O que mais me dói são mulheres talentosas, seguras e incríveis muitas vezes serem vítimas de opressores como Silvio Santos. Isso precisa parar”, desabafou a atriz, que em outras ocasiões relatou como já foi vítima dessa indústria que sexualiza mulheres.

“Cresci sentada na sala da minha casa assistindo Silvio Santos exercer elegantemente seu machismo e racismo travestido em forma de piada. Cresci assistindo os ‘Domingos Legais’ com suas ‘banheiras’ e chacretes molhadas e nuas nos queijos. Cresci vendo o corpo da mulher ser oprimido, sexualizado e culpado ao mesmo tempo. Que loucura. Também assisti a outras emissoras claro, não existia Netflix. Por isso, até hoje foco no trabalho de desconstruir o que isso reverberou dentro de mim enquanto menina e mulher”, continuou Samara.

“Claudia poderia ter ali esfregado na cara daquele senhor o machismo desenfreado, mas foi elegante e meiga.

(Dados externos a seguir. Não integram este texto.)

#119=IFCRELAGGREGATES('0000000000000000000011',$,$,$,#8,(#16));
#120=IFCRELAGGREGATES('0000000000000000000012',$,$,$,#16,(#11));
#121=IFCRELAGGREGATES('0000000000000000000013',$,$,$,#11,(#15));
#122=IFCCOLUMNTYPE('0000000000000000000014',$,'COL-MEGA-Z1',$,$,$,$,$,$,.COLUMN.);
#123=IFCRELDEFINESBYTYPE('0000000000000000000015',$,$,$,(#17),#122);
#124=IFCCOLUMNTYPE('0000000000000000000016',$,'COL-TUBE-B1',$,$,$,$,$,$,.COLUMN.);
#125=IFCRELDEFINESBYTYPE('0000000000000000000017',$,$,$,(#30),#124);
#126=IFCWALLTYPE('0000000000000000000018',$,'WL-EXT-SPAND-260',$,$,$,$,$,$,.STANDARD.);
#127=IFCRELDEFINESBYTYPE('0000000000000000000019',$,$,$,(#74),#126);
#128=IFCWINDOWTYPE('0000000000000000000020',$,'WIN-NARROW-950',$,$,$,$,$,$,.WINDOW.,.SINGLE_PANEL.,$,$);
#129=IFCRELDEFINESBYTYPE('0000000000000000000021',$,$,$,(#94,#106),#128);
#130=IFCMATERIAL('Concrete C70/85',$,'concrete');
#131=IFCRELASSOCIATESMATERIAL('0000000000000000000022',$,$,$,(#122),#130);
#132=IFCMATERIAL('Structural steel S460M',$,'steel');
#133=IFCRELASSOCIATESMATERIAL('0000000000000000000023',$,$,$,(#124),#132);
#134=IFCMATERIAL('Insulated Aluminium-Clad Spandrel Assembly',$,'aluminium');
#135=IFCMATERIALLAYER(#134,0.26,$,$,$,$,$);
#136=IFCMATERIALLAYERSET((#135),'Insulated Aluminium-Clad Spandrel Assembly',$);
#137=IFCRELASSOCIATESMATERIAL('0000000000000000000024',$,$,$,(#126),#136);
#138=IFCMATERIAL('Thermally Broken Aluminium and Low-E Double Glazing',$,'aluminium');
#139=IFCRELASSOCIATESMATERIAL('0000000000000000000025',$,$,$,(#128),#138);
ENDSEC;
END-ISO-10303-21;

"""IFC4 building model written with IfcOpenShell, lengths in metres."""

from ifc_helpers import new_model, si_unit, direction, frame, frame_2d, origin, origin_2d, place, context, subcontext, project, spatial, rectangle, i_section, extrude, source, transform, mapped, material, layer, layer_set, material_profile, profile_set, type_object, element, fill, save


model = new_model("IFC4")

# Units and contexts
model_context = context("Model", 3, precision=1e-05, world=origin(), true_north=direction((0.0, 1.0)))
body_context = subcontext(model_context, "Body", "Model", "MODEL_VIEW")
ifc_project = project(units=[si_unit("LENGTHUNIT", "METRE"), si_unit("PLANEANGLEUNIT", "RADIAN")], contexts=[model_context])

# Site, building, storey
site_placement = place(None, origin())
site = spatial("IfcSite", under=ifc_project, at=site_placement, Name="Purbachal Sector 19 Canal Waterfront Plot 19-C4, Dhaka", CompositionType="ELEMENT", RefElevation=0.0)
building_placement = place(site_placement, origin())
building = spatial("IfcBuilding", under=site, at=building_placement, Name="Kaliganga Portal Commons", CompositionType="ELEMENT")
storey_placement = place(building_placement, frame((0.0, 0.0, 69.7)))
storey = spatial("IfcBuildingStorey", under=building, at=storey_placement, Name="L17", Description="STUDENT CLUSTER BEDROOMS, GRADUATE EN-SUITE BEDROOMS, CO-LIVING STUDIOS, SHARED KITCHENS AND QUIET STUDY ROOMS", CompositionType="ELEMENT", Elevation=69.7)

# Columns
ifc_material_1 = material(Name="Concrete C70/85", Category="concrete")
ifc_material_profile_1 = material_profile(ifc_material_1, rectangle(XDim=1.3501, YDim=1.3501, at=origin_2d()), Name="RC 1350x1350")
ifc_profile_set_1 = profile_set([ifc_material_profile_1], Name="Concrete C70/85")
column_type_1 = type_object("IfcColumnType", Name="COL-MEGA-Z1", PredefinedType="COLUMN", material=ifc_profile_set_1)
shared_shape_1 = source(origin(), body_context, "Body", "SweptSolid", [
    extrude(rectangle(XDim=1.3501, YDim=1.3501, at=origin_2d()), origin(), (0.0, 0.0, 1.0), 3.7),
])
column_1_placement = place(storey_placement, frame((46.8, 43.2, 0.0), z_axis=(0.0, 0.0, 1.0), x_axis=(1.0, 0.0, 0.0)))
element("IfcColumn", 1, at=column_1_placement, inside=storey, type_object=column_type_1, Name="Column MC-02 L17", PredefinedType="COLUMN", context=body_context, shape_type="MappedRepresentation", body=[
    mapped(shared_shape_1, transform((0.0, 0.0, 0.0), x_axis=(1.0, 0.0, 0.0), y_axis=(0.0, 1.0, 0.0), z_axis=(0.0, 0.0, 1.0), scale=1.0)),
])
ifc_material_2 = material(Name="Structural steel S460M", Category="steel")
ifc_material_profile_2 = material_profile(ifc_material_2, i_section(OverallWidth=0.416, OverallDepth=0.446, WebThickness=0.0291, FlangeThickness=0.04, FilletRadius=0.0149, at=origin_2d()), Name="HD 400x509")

Tentou de forma ‘amigável’ e respeitosa se esquivar. Enquanto era assistida pela filha dele, esposa (que pareciam incrédulas ou não) e por uma plateia inteira feminina que ria, talvez de nervoso ou talvez por ser um ‘costume'”, escreveu a atriz, tentando mais uma vez desconstruir o que a população brasileira tende a naturalizar.

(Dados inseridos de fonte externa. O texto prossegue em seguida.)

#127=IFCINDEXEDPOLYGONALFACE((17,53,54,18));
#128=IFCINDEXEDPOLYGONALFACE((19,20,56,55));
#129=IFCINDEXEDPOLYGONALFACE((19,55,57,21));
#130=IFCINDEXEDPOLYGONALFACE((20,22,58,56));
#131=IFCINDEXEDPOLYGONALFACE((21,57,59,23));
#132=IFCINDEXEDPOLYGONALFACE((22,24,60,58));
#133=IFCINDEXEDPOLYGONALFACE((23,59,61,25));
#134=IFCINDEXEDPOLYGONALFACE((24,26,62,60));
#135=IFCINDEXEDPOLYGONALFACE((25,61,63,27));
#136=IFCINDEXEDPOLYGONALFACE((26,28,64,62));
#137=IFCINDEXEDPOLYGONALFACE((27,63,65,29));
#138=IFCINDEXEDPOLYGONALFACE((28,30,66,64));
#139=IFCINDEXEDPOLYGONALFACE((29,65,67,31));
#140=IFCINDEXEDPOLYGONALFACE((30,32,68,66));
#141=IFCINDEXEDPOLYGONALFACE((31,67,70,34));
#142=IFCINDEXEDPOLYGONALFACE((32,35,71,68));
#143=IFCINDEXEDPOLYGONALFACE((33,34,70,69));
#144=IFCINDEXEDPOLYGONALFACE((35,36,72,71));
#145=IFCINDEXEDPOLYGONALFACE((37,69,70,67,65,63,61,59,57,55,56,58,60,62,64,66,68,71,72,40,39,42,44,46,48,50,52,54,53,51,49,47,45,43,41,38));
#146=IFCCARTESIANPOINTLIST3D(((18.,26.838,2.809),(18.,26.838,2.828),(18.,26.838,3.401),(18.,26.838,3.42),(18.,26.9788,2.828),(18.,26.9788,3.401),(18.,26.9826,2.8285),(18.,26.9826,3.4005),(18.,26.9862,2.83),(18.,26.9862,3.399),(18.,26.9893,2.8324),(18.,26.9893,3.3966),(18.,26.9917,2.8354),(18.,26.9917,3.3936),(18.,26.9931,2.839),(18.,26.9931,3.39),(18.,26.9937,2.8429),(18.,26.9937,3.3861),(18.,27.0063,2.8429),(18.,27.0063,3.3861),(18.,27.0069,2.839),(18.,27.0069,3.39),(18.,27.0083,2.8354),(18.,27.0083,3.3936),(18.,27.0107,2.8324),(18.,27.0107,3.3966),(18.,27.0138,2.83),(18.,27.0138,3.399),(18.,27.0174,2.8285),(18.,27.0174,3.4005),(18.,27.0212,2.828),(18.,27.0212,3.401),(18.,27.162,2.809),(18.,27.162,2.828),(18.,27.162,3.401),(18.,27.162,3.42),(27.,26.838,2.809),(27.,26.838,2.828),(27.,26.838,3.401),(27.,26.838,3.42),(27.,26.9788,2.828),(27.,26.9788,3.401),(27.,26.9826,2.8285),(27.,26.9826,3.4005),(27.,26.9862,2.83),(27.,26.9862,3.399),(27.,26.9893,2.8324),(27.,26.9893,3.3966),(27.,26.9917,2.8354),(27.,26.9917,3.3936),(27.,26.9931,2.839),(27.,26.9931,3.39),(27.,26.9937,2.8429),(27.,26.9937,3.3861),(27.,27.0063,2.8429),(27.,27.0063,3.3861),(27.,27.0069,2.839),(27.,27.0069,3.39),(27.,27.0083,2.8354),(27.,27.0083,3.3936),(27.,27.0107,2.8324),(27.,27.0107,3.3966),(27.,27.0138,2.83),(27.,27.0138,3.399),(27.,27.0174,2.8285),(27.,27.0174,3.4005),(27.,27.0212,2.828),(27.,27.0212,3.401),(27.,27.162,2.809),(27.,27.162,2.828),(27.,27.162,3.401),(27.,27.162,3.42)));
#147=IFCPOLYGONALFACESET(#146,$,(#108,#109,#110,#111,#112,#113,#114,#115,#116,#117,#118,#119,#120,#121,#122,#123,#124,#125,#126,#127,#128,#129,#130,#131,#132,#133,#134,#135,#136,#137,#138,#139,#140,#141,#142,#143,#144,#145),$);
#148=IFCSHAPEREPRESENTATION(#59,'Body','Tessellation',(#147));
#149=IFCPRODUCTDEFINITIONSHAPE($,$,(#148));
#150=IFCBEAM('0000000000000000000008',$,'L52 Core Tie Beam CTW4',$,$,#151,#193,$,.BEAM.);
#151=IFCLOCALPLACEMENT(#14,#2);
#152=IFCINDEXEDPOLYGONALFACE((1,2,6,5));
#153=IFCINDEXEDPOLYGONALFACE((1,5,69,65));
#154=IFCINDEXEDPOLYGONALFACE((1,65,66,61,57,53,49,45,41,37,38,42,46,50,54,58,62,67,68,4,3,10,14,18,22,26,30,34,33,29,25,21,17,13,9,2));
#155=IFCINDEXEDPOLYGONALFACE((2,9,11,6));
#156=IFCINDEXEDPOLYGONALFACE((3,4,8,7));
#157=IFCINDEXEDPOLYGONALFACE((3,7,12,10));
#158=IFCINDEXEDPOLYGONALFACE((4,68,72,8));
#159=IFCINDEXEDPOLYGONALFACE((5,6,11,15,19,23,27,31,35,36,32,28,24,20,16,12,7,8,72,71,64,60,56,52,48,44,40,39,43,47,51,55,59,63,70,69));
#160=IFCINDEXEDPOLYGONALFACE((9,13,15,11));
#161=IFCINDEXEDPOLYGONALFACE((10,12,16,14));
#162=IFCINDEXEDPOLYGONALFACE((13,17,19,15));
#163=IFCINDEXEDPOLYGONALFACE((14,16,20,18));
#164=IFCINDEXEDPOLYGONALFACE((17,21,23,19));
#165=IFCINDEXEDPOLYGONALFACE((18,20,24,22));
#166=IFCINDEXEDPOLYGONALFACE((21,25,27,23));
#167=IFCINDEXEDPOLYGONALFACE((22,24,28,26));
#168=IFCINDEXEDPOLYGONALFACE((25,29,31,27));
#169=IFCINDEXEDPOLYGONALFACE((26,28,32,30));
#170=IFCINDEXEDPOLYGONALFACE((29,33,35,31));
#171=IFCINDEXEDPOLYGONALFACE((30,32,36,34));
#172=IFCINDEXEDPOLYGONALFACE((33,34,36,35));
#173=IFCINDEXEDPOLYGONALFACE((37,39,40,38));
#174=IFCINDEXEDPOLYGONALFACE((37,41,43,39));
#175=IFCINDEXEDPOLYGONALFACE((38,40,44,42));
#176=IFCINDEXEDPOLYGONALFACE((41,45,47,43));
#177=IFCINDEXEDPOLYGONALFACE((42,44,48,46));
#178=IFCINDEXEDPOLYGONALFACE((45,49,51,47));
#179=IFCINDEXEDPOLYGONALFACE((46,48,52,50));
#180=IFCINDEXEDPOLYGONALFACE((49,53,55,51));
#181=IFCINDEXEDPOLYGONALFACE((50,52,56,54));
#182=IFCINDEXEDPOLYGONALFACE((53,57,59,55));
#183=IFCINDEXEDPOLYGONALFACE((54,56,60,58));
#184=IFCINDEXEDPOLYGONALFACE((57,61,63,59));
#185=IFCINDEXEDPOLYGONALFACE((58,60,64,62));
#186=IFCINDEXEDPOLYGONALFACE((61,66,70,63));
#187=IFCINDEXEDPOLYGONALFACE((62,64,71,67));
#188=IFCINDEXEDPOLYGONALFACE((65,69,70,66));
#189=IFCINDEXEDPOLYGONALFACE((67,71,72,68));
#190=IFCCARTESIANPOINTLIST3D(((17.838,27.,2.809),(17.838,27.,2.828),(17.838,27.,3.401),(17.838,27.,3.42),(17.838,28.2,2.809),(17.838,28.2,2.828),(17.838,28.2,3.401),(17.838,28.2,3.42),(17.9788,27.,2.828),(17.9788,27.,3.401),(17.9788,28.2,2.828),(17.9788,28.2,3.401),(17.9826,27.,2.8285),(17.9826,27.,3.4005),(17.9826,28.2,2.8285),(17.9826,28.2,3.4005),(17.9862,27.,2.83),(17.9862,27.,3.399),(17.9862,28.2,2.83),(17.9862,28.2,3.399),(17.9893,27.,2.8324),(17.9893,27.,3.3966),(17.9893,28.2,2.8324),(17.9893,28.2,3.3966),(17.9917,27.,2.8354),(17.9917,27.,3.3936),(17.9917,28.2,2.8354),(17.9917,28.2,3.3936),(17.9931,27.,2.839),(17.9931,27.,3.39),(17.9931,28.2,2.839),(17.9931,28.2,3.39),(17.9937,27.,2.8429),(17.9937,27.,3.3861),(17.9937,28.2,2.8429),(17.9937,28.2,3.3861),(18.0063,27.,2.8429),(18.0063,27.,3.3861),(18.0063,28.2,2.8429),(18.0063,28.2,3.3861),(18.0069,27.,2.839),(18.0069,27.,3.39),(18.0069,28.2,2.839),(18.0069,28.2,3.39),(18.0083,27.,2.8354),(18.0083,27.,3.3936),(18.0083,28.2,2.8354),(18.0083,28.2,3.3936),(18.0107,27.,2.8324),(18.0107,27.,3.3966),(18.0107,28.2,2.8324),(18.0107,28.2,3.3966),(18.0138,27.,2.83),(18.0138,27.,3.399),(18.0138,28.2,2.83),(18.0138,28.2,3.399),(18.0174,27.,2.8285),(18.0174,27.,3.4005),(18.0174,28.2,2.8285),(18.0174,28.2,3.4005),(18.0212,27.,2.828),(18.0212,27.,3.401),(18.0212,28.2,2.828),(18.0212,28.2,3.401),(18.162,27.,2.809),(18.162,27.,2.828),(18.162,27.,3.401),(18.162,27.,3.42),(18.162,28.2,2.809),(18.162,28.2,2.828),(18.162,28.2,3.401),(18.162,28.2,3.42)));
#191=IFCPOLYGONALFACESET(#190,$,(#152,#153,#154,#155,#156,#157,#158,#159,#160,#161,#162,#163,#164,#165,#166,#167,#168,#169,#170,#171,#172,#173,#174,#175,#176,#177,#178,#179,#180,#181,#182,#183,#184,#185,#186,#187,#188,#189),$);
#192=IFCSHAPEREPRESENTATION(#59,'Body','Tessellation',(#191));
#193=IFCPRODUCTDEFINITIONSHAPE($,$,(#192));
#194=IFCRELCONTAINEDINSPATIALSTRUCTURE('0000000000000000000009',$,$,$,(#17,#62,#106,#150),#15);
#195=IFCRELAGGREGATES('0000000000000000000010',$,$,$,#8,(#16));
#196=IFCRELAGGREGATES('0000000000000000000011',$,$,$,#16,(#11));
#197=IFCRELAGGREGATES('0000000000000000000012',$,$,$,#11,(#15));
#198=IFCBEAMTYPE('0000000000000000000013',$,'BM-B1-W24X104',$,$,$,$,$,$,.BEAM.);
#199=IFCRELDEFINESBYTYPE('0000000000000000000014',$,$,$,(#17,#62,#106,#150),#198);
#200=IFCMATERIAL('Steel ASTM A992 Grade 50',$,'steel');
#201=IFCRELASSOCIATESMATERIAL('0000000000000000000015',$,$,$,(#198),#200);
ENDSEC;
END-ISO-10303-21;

“A idade não justifica. A roupa muito menos. Nada justifica”

A atriz e digital influencer Julia Faria também fez um texto forte em seu Instagram, no qual condenou a atitude de Silvio.

“Assisti esse vídeo três vezes porque não estava acreditando no que estava vendo. Fiquei enojada. Com nó na garganta. No peito. A vontade era de sentar com esse senhor para explicar premissas básicas da nossa existência. Um evento que tem como objetivo ‘fazer o bem’ foi transformado em palco para machismo. Ironia. Assédio. Abuso de poder. Grotesco abuso de poder.  Liguei pra Claudia na sequência para abraçá-la. Tínhamos nos encontrado dias antes pra gravar pro canal e tudo que ela fez foi falar de amor. Amor com o próximo. Com o trabalho dela. Falamos mto de que único caminho nesse difícil mundo que vivemos é o amor e respeito”, contou Julia.

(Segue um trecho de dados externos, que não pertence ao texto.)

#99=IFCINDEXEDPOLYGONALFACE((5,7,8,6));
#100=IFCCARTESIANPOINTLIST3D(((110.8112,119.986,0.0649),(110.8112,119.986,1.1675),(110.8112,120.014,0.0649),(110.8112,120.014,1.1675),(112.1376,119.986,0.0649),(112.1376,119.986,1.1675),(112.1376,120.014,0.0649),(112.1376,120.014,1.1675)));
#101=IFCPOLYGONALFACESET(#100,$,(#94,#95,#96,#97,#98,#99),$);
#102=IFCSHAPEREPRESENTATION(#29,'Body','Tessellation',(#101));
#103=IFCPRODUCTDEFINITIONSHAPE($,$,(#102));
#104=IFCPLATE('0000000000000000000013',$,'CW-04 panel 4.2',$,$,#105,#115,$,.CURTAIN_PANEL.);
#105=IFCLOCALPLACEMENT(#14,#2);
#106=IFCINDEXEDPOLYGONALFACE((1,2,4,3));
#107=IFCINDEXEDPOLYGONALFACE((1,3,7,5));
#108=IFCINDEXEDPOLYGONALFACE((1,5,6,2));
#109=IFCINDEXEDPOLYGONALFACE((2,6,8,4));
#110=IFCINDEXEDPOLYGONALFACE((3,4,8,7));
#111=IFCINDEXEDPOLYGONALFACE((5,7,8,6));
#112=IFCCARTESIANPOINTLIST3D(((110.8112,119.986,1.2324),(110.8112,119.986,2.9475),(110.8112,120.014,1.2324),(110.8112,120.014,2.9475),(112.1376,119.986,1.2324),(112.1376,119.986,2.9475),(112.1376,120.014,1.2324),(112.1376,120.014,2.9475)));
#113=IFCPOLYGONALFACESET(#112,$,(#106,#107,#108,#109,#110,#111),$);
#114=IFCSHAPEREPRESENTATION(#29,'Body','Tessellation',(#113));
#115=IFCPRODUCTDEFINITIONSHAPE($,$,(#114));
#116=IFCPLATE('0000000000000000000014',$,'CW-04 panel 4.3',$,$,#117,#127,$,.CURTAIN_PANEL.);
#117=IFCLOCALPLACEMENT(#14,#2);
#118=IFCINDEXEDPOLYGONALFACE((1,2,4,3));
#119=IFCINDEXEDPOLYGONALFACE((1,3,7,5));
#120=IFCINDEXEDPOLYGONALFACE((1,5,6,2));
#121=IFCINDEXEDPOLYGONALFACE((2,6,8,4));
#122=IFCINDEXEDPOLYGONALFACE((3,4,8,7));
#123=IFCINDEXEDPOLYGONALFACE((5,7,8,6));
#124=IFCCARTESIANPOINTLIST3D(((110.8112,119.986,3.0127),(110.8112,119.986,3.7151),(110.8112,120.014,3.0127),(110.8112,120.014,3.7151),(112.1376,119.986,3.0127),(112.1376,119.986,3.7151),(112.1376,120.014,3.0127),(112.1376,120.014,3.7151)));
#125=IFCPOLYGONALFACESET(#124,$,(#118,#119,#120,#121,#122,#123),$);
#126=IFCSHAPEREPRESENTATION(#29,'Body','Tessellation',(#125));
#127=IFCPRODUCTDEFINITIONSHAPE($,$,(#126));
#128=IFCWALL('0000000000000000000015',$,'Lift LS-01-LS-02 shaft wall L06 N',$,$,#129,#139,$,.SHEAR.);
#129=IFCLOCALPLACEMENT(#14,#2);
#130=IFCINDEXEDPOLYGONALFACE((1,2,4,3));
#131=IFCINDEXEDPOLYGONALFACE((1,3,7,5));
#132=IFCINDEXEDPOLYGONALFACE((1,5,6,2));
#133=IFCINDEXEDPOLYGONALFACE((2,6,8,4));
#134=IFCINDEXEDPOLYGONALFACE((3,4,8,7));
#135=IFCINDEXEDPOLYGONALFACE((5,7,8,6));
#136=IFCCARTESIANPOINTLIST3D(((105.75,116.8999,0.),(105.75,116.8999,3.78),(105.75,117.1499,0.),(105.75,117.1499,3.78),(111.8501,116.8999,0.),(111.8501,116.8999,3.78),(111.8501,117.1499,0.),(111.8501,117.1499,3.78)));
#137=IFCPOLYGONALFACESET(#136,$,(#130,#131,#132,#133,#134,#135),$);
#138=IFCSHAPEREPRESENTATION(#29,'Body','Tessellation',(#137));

“Não me venha dizer que ela tem que responder pela loucura do outro. Não me venha dizer que ela deveria ter feito isso ou aquilo, o que você faria no lugar dela? Esse tipo de coisa a gente só sabe como reage quando passa. E se você, mulher, não se colocou no lugar dela enquanto assistia e não ficou engasgada, tem alguma coisa errada com você”, completou a atriz.

Julia ainda lembrou as palavras que disse para cantora. “Que a dor e constrangimento que ela está passando sirva de exemplo. Que a gente transforme em força. Que as milhares de mulheres que passam por isso diariamente encham o peito de ar pra reagir. Se defender. Se proteger. 
Isso não é normal. A idade não justifica. A roupa muito menos. Nada justifica.  Temos que nos unir, darmos as mãos, gritarmos alto não ao assédio. A violência. Termos que ter muito claro os nossos direitos como seres humanos. Seguirmos juntas. Nos acolher. Para, quem sabe um dia, a viva num mundo melhor”, finalizou a blogueira.